Больше всего Мишель страшился остаться один. Этот дикий, почти животный страх одиночества впервые настиг его в корчме в Трилесах. Потом, когда он решил, что сможет влиять на следствие, страх пропал, сейчас вернулся снова. Мишель не мог справиться с этим страхом, разорвал на себе рубаху, всю ночь метался по камере: четыре шага в длину, четыре в ширину… Он вспоминал дерзкие слова свои, обращенные к Чернышеву – о том, что не хочет жить. Тогда это была пустая бравада, теперь же, ежели спасти Сережу не удавалось, собственное его существование не имело ровно никакого смысла.
Мишель мечтал увидеться с другом, обнять его, услышать голос его, разрыдаться на его груди… Но это было никак невозможно.
Сережа сидел в равелине. Но хотя бы получить возможность написать ему… За это Мишель, не задумываясь, отдал бы жизнь прямо сейчас, не дожидаясь окончания дела. Уяснив это для себя, он решил попытаться…
Наутро в камеру вошел караульный офицер, поручик Глухов – с ним Мишель уже давно познакомился.
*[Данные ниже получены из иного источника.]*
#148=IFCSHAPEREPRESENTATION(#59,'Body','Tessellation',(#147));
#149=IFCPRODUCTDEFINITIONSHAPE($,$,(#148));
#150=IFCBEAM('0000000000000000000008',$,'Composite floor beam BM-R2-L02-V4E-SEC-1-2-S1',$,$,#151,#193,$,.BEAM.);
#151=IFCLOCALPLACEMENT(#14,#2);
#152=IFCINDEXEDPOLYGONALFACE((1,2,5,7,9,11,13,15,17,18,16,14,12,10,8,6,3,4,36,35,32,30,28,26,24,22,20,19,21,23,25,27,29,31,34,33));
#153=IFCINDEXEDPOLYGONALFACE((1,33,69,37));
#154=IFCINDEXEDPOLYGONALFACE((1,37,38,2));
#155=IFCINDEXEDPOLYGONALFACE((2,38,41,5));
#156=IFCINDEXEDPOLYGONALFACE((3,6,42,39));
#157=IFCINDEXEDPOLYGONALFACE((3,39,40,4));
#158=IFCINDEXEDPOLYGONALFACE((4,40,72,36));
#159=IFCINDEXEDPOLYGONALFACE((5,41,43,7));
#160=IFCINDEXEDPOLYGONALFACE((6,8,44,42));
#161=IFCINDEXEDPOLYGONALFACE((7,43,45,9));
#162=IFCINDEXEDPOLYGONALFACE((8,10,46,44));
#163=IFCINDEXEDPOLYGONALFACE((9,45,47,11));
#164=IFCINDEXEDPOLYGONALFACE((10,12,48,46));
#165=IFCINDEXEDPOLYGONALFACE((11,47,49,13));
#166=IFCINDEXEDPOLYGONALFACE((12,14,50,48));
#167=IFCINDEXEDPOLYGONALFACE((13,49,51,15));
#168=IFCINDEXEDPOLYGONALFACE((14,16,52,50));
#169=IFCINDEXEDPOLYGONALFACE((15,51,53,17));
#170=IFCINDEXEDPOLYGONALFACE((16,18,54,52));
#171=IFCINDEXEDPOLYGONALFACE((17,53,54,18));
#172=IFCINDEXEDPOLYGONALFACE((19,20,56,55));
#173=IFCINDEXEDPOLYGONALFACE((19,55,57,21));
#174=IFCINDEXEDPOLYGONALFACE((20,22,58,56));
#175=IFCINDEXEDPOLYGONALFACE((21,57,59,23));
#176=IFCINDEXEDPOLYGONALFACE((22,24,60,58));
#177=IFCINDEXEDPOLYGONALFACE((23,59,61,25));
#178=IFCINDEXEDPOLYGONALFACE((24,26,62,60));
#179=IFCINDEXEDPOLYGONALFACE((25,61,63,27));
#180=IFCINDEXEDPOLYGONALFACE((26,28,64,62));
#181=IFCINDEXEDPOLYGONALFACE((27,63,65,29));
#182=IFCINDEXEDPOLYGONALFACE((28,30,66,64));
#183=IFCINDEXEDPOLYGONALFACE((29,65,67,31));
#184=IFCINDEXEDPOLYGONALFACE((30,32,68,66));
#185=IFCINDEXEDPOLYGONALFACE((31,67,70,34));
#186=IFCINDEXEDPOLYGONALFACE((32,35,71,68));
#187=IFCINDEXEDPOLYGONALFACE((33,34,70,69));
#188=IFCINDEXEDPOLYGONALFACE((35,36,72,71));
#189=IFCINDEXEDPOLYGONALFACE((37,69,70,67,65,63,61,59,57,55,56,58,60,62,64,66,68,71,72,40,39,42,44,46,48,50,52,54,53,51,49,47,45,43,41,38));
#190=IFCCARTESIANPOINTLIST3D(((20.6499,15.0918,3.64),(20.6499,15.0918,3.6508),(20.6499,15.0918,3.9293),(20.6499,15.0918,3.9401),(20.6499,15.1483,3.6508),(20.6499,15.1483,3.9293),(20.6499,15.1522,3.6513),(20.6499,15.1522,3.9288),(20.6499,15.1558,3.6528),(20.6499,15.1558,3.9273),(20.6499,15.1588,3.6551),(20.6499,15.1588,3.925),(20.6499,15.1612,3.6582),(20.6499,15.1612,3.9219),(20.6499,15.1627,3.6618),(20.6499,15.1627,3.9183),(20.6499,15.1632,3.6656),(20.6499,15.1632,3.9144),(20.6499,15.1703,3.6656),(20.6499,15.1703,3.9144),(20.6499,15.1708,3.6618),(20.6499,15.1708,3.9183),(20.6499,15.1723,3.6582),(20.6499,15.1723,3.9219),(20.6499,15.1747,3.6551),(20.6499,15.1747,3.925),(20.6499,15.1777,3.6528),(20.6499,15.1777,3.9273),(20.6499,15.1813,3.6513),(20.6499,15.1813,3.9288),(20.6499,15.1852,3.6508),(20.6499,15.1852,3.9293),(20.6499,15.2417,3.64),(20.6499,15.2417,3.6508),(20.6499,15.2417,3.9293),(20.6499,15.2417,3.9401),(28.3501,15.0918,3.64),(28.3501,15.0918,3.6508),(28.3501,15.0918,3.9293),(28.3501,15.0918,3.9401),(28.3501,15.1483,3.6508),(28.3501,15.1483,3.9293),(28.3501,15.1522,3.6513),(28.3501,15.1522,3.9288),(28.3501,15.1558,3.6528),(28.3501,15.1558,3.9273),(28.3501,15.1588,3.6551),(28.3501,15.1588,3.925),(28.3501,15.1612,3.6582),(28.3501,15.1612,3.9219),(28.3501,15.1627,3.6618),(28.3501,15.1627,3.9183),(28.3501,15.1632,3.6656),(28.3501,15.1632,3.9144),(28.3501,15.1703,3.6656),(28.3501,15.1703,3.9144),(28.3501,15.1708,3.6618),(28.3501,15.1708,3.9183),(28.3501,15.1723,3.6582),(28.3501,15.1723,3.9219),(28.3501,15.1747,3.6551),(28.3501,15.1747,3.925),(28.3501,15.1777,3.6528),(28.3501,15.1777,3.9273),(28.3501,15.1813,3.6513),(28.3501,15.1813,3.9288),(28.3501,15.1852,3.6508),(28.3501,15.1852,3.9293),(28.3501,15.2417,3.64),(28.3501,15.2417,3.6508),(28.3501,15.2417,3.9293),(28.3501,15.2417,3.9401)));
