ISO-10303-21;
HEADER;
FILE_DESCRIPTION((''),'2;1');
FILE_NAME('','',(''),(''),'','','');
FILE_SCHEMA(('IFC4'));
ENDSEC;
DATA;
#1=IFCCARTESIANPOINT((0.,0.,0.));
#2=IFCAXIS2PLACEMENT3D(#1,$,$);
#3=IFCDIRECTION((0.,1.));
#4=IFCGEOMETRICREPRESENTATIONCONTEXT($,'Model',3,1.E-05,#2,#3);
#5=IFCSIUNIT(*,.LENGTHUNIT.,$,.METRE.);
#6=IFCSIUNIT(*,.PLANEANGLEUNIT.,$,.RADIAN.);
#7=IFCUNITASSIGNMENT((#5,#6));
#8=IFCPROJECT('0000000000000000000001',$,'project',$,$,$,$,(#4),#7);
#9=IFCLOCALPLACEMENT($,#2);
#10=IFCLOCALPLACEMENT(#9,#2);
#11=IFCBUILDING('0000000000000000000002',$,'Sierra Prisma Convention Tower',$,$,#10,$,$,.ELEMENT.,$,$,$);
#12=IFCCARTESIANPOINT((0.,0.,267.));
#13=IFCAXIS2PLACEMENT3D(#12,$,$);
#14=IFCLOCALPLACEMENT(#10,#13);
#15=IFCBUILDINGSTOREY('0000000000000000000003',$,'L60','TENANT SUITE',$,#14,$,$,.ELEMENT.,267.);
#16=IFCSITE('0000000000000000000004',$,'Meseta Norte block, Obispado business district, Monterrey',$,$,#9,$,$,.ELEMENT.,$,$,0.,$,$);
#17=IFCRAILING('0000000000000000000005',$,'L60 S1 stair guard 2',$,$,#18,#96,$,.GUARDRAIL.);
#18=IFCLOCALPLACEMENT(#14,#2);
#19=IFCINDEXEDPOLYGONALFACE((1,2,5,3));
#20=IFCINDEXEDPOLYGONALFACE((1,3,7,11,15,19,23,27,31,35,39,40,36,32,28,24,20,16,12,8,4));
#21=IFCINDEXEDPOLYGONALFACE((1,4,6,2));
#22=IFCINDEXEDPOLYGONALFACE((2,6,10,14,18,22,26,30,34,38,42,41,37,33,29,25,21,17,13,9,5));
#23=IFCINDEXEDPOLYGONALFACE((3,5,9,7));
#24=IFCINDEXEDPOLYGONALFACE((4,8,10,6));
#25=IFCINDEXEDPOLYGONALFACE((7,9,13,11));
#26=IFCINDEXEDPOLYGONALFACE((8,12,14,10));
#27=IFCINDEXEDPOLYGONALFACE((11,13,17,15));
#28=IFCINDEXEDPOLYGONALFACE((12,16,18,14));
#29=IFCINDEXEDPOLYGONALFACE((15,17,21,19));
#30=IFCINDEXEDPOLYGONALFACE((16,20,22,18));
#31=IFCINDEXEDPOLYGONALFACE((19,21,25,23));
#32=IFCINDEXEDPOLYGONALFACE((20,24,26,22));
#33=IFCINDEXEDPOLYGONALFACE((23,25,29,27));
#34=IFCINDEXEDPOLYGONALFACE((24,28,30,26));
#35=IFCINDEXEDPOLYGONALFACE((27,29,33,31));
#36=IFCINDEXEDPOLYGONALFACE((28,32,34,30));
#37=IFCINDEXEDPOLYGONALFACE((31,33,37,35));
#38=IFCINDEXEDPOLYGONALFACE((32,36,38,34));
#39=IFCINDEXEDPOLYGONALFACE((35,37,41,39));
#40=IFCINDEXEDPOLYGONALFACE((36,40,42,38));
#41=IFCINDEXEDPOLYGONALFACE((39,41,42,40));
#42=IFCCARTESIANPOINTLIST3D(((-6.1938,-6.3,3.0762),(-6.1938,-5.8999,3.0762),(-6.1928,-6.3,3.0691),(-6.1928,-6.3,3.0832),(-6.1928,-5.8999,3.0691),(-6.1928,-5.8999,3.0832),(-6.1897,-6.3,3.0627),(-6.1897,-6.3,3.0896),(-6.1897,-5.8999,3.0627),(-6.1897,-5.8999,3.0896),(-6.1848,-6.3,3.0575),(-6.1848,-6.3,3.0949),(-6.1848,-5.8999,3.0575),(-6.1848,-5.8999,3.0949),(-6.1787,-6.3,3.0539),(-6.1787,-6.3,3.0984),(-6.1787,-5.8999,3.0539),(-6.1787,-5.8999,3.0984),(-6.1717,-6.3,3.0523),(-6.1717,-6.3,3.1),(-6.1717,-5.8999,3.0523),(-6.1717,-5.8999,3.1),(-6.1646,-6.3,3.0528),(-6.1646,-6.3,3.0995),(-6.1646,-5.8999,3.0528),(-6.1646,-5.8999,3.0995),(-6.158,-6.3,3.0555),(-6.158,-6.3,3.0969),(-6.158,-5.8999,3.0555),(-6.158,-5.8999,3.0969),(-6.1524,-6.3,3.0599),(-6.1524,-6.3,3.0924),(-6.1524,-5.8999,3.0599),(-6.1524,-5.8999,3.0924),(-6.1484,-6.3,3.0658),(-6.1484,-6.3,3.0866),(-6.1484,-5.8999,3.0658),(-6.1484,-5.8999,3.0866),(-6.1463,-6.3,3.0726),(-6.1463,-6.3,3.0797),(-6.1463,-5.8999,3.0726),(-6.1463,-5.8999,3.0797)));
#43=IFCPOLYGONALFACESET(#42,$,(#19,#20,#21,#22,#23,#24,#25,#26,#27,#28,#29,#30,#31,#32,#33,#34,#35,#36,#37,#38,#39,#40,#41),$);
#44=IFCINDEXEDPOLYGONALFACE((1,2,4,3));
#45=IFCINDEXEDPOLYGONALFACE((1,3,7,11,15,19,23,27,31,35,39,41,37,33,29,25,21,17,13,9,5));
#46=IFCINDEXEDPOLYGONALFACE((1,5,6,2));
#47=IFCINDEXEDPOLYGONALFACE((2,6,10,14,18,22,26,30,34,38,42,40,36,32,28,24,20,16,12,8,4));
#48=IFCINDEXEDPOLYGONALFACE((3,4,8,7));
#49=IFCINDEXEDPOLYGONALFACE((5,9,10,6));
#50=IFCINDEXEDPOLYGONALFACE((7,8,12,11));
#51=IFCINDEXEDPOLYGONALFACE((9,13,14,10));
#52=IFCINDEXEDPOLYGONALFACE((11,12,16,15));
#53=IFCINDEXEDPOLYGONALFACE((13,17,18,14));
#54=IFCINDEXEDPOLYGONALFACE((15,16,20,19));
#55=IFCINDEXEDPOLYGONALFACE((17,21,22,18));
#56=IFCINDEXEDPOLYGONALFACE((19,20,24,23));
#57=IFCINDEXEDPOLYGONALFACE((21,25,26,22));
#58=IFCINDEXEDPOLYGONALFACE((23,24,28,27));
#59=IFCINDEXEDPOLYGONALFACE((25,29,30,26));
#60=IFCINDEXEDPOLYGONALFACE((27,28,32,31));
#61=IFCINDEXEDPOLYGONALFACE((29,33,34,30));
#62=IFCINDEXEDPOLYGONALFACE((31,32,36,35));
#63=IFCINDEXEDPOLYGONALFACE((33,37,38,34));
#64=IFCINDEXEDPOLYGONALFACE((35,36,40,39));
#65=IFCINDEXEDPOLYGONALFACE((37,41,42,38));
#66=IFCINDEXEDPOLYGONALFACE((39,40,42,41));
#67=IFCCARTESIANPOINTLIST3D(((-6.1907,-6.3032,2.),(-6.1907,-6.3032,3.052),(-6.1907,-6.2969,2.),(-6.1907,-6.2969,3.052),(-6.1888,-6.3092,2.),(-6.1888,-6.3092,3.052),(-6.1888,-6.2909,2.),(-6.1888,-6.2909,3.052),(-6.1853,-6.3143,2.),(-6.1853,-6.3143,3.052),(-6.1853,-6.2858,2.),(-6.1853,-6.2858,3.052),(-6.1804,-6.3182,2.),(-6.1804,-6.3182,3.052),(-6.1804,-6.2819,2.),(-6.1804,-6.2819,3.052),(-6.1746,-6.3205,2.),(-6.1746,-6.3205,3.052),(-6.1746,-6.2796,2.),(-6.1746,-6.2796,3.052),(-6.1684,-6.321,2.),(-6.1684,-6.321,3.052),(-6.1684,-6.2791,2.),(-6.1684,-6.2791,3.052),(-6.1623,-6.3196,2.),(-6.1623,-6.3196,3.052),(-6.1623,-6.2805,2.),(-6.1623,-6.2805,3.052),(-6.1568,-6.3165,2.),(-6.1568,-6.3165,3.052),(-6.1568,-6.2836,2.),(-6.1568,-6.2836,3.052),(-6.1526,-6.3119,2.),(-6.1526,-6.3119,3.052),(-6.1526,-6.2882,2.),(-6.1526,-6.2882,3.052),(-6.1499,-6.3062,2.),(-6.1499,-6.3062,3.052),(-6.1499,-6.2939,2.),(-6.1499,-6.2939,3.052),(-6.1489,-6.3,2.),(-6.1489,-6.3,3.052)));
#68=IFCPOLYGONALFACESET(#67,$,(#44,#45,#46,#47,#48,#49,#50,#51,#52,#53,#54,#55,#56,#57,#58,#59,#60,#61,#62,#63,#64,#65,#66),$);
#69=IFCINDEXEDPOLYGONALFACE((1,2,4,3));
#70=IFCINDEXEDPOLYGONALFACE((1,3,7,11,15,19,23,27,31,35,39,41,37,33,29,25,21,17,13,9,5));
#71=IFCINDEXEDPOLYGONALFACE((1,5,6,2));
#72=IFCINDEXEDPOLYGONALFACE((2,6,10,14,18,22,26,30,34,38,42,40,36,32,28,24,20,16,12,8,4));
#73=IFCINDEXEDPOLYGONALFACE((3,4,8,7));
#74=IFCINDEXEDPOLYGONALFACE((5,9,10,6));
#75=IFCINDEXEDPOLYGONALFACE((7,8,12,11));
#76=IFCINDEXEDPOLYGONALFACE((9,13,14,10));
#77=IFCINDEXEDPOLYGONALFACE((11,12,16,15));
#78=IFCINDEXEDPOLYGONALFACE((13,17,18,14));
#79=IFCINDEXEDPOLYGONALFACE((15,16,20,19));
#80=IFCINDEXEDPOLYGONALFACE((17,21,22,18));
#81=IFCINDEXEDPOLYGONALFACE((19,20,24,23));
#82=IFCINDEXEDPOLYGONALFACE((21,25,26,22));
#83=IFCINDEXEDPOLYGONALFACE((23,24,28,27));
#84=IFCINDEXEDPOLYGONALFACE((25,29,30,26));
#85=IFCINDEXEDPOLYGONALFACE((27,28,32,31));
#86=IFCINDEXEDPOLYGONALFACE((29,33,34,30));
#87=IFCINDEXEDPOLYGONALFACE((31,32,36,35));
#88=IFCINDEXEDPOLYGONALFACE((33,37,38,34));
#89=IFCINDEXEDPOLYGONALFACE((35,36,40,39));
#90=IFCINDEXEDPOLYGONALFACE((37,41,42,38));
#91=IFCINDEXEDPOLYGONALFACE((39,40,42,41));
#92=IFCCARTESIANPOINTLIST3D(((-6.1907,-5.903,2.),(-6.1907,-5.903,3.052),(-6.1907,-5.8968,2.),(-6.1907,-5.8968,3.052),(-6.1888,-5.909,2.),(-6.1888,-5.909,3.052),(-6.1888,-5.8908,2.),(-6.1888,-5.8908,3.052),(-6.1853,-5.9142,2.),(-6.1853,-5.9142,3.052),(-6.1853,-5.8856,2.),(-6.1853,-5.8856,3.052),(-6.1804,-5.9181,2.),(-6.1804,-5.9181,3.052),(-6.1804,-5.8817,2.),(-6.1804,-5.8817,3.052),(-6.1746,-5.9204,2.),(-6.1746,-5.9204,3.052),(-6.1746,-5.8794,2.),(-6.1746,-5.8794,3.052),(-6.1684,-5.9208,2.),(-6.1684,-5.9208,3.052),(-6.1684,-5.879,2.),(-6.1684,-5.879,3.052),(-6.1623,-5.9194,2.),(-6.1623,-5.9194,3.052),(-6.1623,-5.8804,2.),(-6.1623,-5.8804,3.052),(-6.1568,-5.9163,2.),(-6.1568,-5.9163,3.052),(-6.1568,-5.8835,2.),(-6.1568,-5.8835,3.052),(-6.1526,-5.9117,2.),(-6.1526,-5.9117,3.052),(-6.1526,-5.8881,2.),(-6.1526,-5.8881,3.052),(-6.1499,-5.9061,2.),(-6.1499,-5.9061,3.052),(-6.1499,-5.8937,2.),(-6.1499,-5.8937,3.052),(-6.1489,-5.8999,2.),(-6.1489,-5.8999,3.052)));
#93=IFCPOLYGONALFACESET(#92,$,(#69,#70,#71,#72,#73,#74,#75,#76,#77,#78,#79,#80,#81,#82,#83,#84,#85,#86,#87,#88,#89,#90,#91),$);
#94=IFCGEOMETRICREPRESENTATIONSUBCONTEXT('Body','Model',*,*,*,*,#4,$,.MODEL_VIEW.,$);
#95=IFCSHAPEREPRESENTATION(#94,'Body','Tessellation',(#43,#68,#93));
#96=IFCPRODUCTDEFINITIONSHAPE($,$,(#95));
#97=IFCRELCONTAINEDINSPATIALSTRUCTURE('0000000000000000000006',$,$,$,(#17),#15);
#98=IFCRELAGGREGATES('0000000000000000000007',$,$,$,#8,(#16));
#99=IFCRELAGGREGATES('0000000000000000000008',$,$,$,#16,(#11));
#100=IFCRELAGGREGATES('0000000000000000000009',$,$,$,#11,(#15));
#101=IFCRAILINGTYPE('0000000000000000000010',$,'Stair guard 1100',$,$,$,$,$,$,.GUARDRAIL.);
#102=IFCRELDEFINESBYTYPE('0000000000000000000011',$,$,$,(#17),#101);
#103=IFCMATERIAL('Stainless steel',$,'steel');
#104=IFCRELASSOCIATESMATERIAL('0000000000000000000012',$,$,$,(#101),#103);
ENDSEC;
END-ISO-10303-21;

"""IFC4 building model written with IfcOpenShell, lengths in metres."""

from ifc_helpers import new_model, si_unit, direction, frame, origin, origin_2d, place, context, subcontext, project, spatial, circle, extrude, material, type_object, element, save


model = new_model("IFC4")

# Units and contexts
model_context = context("Model", 3, precision=1e-05, world=origin(), true_north=direction((0.0, 1.0)))
body_context = subcontext(model_context, "Body", "Model", "MODEL_VIEW")
ifc_project = project(units=[si_unit("LENGTHUNIT", "METRE"), si_unit("PLANEANGLEUNIT", "RADIAN")], contexts=[model_context])

# Site, building, storey
site_placement = place(None, origin())
site = spatial("IfcSite", under=ifc_project, at=site_placement, Name="Meseta Norte block, Obispado business district, Monterrey", CompositionType="ELEMENT", RefElevation=0.0)
building_placement = place(site_placement, origin())
building = spatial("IfcBuilding", under=site, at=building_placement, Name="Sierra Prisma Convention Tower", CompositionType="ELEMENT")
storey_placement = place(building_placement, frame((0.0, 0.0, 267.0)))
storey = spatial("IfcBuildingStorey", under=building, at=storey_placement, Name="L60", Description="TENANT SUITE", CompositionType="ELEMENT", Elevation=267.0)

# Railing
ifc_material_1 = material(Name="Stainless steel", Category="steel")
railing_type_1 = type_object("IfcRailingType", Name="Stair guard 1100", PredefinedType="GUARDRAIL", material=ifc_material_1)
railing_1_placement = place(storey_placement, frame((-6.1699, -6.3, 2.0)))
element("IfcRailing", 1, at=railing_1_placement, inside=storey, type_object=railing_type_1, Name="L60 S1 stair guard 2", PredefinedType="GUARDRAIL", context=body_context, shape_type="SweptSolid", body=[
    extrude(circle(Radius=0.0239, at=origin_2d()), frame((0.0, 0.0, 1.0762), z_axis=(0.0, 1.0, 0.0), x_axis=(-1.0, 0.0, 0.0)), (0.0, 0.0, 1.0), 0.4001),
    extrude(circle(Radius=0.021, at=origin_2d()), origin(), (0.0, 0.0, 1.0), 1.052),
    extrude(circle(Radius=0.021, at=origin_2d()), frame((0.0, 0.4001, 0.0)), (0.0, 0.0, 1.0), 1.052),
])

save(model, "model.ifc")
Поручик был человеком пожилым, лет пятидесяти, всю жизнь свою прослужил при крепости, многое видел. Крепость для Глухова давно уже стала родным домом: он и ночевал в казарме при ней. Семьи у него не было, производством он был давно забыт. Узник заметил: Глухов ему сочувствует, заходя в камеру для узнания, не надо ли чего, смотрит грустно и участливо. И Мишель решился…
– Господин поручик, Михаил Евсеевич… – начал он в ответ на традиционный вопрос о здоровье. – Здоровье мое в порядке. Душа вот болит только… Друг мой в равелине… подполковник Муравьев… ранен он, болен, может быть, при смерти. Нельзя ли письмо передать? Я отпишу папеньке… он денег заплатит.
Глухов поглядел на него внимательно.
– За сие меня в каторгу осудят… Впрочем, – тут он глянул Мишелю в глаза, – пишите, я принесу перо и бумагу. Денег не надобно.
Когда перо и бумага были принесены, Мишель долго не мог собраться с мыслями от внезапно свалившегося счастья. Полчаса он сидел, тупо глядя в лист.
– Пишите, подпоручик, – войдя в камеру, Глухов увидел его, сидящего над пустым листом. – Неровен час, вопросы из Комитета принесут. Пишите, у вас мало времени.
Мишель принялся писать. Он молил друга своего не оставлять его одного на этом свете… И ежели Сереже суждено погибнуть, то необходимо нужно взять его с собою. А для сего рассказать правду об обществе и о том, что без него, Мишеля, на самом деле ничего бы не было. Записка получилось короткая, перечитывая ее, Мишель заплакал.